Inquiry was not new to us. We had long since isolated through shifting densities light’s lightning turns, refractory quirks, and strangely confident bends impromptu and for all the world like thought—light’s fantasies or dreams no less! These we had plans to guide through staggered densities prism’d to sooner or later get back to us so that
refract
might come round to mean
reflect.
Until one day, angling and bending in hope of mastery, we grandly thought light’s refracting mediums no other than ourselves. Yet now the sound of voicing such insight shed light
in
us. Right down inside us. So light, losing mass to us inward, must find itself as if anew. Thus received in us, it must be in us conserved.

"Kept
in its place," did we already remember saying? Its speed stayed constant even now, and if we now first surmised that, like its speed constant to all passing points of view, we could have our light and be it too, we still could not for sure maintain in bulk the illumination now shedding itself inwardly. We looked out on others of us and at our stars and at light’s bent through our waters and slow motions, and entertaining the possibility that we might through adaptation experience the first angelic senility. We looked inward and felt curious. We thought not just that if light never slows nor speeds up how can it be us?, but since its sacred speed seems an unalterable inertia, why not an inertia of
no
motion? For we already remembered we had been told that we might make it
stop.

Stop? But be itself. Let light, say, stop with us and be a pause.

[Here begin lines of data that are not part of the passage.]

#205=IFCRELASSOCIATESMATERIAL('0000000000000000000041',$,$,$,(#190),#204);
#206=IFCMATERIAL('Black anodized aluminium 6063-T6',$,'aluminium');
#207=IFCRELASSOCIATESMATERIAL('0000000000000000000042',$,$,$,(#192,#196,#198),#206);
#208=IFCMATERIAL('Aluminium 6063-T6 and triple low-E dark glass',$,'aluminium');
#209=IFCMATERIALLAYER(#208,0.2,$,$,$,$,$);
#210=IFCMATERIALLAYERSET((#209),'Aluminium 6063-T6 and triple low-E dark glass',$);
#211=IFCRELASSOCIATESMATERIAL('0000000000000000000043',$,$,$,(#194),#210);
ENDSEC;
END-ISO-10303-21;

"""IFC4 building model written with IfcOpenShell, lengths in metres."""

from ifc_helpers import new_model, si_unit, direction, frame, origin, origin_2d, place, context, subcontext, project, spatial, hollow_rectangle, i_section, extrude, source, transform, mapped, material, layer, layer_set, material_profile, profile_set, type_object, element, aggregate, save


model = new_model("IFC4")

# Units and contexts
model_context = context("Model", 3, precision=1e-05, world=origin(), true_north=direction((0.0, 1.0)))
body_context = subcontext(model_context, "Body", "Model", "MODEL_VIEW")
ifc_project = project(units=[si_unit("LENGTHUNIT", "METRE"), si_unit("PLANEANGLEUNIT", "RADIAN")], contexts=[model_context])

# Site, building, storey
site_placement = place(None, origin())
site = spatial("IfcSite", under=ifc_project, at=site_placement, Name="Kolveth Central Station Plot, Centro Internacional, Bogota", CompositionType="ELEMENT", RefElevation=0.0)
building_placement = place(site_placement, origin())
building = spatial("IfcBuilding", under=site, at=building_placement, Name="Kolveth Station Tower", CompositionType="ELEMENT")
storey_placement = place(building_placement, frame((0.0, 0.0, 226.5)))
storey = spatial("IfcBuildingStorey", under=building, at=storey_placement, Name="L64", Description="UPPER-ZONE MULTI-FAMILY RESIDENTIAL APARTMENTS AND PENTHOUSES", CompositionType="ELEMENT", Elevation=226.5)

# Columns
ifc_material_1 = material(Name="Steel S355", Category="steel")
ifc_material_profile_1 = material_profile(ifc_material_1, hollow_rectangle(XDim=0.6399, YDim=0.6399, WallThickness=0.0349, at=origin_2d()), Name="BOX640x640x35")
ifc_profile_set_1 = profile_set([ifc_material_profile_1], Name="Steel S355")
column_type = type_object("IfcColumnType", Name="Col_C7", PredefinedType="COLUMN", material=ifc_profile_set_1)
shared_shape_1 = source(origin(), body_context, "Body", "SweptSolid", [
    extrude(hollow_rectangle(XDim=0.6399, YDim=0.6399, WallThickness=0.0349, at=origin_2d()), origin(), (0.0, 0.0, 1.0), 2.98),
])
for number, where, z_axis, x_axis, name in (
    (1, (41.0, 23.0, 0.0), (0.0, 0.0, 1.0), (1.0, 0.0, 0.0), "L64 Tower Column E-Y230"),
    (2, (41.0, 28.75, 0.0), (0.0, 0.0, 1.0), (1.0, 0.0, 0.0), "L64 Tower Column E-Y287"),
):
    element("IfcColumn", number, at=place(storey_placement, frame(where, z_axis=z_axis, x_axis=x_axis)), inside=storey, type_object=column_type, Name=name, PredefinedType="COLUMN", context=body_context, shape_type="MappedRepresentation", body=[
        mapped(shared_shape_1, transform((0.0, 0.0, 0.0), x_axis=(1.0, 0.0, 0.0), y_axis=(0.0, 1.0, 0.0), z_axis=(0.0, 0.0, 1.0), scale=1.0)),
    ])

And we half-listen, breathing, and with half ourselves wonder if it is by some awful standard exactly half. We can go in the front or back, the top, the bottom, one curve or another, or segment or seam or width of century, city, apartment house, gossip network, weather-station system doubling as arms-control monitoring grid, newly designed head, articulate structure that can accommodate a multiplicity of small-scale units, one gets the idea—though what about the long hills of soil turned over by hands? now this is small-scale agricultural homework inefficient and wasteful to one vision, body and soul by another,
these
hills are ours too and content to be not a model of the whole but a piece of Earth that’s one of many places we might be reflected, while some of us may be found elsewhere trouble-shooting to see where sunspots cross depression, high belts of auras fuel deep quests for the power source we were always meant to have, the gods told us through holes quietly drilled in our heads, if we could only look at it and see it, that power source which may be mere talent for prophecy. We’ve got a multiple child that’s equal to anything, exploring it, researching it, playing around with it—the harvest cycle, and Maunder Minimum rotation, deep steam from Earth’s magnetic engine, pure clean power from nuclear (say after us) Fusion, the race to find the tack to harness the void, for that’s where the power is.

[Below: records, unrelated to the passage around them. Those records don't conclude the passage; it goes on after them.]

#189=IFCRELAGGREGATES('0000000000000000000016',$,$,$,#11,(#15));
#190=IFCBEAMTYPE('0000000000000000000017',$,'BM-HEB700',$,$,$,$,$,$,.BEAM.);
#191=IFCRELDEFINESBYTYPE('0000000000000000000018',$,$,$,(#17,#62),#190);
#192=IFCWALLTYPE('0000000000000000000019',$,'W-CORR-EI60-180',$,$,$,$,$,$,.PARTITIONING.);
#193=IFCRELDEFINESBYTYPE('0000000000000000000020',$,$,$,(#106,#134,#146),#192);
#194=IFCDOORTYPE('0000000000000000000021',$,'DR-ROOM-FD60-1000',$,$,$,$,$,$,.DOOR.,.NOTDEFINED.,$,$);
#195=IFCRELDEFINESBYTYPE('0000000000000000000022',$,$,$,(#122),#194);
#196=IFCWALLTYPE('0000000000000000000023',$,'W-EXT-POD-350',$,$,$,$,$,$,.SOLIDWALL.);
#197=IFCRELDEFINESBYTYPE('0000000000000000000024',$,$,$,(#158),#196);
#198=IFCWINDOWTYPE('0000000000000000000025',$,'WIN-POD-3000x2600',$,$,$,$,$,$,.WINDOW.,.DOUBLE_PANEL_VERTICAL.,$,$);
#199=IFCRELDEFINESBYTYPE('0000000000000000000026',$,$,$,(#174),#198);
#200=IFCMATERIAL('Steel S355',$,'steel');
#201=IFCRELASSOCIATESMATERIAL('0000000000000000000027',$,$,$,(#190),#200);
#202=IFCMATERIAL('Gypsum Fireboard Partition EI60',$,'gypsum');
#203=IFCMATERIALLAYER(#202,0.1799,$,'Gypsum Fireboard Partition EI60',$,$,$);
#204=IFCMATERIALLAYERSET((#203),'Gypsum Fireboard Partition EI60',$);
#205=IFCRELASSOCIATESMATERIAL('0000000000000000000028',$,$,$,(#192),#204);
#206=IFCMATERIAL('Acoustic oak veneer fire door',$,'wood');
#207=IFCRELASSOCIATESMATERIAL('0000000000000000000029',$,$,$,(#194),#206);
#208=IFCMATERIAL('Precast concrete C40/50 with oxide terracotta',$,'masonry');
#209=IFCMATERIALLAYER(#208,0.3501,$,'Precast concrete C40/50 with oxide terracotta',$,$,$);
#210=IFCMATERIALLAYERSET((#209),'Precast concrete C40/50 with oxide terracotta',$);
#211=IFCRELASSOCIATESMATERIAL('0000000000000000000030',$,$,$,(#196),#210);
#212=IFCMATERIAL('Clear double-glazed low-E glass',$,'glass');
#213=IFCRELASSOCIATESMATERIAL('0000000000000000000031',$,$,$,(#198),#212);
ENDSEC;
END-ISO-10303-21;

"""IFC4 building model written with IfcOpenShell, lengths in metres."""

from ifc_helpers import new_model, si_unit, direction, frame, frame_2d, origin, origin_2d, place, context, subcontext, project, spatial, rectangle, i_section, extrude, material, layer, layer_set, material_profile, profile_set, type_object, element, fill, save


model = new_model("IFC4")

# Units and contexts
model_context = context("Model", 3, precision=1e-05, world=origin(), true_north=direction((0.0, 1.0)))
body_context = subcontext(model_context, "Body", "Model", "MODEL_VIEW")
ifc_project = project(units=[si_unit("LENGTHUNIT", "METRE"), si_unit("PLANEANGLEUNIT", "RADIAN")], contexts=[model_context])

Which Jim Mayn in later life listens to. At least there’s the machine and there he is, the tape recorder on the table and he’s sitting by it, used to being two or so places at once, staring along the desk at a picture of a global weather network.

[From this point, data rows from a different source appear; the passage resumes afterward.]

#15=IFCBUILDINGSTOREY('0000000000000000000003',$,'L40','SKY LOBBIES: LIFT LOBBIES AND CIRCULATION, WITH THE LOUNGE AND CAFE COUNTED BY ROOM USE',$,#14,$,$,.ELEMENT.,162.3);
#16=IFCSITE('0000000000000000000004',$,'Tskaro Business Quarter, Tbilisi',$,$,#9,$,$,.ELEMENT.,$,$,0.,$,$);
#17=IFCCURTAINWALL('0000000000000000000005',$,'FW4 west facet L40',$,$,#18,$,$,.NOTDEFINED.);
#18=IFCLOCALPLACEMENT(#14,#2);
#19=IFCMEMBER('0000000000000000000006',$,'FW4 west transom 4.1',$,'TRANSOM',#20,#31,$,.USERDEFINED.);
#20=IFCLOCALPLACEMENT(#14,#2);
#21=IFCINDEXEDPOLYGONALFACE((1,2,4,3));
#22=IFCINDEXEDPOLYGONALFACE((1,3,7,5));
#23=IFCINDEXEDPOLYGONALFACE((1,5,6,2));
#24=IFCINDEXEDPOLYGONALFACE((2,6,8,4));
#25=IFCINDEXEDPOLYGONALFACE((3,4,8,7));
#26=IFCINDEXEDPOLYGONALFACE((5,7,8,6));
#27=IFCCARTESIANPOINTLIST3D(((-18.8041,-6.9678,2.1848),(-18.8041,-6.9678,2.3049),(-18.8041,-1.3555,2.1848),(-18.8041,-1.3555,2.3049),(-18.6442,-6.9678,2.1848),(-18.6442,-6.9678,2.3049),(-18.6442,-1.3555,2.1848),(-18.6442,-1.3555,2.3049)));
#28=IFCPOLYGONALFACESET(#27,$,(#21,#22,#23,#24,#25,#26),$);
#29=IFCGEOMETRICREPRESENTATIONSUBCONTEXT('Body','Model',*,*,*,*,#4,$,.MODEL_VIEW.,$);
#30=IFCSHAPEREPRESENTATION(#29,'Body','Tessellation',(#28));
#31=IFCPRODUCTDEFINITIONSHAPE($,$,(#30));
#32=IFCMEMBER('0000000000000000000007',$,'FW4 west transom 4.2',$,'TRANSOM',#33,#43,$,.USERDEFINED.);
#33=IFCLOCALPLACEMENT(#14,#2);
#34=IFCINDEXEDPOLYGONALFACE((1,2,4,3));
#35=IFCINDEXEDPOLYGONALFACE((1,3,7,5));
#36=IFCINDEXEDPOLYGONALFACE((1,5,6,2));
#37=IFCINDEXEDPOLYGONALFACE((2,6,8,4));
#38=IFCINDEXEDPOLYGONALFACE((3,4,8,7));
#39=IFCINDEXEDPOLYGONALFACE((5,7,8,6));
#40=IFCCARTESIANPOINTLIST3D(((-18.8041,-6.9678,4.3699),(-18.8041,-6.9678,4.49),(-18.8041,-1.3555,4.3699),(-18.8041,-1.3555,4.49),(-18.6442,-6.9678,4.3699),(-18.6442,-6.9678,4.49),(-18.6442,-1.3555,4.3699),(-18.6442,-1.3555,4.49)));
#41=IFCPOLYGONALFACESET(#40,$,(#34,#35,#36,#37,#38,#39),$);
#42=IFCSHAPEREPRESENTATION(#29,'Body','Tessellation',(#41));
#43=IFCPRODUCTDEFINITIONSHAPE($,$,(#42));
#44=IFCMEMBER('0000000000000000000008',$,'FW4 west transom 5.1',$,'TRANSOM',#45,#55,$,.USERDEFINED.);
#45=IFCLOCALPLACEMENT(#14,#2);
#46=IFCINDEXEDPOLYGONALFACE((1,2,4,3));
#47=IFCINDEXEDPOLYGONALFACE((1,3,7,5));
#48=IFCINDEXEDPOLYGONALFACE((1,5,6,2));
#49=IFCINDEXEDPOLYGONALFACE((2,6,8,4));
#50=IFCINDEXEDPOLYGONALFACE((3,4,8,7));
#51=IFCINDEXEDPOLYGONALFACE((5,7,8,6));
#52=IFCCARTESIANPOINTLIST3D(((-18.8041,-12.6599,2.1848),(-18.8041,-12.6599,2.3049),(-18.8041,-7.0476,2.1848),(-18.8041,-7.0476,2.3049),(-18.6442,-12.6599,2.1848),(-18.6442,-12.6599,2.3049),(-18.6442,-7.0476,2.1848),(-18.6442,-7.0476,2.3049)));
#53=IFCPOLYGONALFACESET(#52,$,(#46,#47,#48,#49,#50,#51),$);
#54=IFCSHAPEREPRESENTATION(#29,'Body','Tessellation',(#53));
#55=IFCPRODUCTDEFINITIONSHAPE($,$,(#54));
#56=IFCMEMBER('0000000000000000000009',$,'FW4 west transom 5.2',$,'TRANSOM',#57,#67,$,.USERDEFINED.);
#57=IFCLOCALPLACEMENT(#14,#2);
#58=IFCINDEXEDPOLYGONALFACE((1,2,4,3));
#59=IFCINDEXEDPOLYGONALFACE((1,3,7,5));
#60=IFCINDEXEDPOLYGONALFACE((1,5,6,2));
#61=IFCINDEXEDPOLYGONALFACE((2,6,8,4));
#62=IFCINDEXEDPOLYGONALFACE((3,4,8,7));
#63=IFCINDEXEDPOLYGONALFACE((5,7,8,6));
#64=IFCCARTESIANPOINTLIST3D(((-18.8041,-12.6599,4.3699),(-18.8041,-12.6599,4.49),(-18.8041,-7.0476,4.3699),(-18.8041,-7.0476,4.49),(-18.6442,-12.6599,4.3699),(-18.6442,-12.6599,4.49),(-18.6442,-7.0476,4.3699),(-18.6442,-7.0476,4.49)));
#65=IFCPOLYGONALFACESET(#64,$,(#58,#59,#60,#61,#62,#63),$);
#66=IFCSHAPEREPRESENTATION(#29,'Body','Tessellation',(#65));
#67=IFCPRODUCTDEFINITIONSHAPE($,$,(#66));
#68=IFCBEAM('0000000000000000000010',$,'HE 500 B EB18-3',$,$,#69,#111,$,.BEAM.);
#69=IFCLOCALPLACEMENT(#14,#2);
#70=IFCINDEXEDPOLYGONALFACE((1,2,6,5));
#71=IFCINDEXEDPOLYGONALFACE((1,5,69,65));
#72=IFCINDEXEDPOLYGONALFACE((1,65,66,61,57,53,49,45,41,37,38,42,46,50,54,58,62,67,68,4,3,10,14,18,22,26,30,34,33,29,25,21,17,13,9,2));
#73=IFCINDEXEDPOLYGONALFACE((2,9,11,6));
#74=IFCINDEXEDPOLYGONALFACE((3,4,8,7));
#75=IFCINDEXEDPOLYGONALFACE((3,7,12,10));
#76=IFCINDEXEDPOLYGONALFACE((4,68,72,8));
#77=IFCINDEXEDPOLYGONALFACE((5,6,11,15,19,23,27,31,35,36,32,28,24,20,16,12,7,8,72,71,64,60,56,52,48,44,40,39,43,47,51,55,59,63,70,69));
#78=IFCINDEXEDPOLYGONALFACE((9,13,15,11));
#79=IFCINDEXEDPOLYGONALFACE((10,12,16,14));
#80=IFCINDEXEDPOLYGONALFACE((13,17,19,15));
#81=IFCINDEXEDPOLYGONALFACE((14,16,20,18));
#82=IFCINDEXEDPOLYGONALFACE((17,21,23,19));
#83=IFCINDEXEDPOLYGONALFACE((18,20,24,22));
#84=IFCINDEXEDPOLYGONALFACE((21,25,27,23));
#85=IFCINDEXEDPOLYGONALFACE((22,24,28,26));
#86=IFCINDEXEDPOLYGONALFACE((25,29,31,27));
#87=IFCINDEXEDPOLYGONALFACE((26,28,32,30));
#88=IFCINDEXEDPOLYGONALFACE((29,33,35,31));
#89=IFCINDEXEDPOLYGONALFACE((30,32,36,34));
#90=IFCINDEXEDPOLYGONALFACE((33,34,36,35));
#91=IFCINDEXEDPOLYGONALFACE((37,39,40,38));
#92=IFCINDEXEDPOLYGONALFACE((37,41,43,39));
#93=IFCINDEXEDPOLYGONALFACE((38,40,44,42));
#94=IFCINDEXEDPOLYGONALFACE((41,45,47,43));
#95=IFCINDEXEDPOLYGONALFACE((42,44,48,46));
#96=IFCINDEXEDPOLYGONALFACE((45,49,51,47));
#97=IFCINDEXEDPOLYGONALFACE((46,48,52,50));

Why has this life happened to him? Questions threaten to be unearned questions. He’s a guy—oh that explains everything!—a little more independent, more up on things by virtue of his work which he works hard at but at a leisurely slope. But why has
what
happened?

Nothing much. But a turn that your head takes and you aren’t all there for a while. I mean you can work out, go to a movie, have dinner with a lady, take your plane, or like now hear the flown-in tape, make a note or two, stare at the sphereful of weather stations doubling as other centers: But he’s looking down at it, the globe with little towers like a satellite’s antennae, a Christmas orange that grandma’s just getting started sticking with twig-hard little cloves the ends blunt so she has to bear down against her own flesh; but wait: that pomander’s a secretly familiar obstacle to this uncanny other.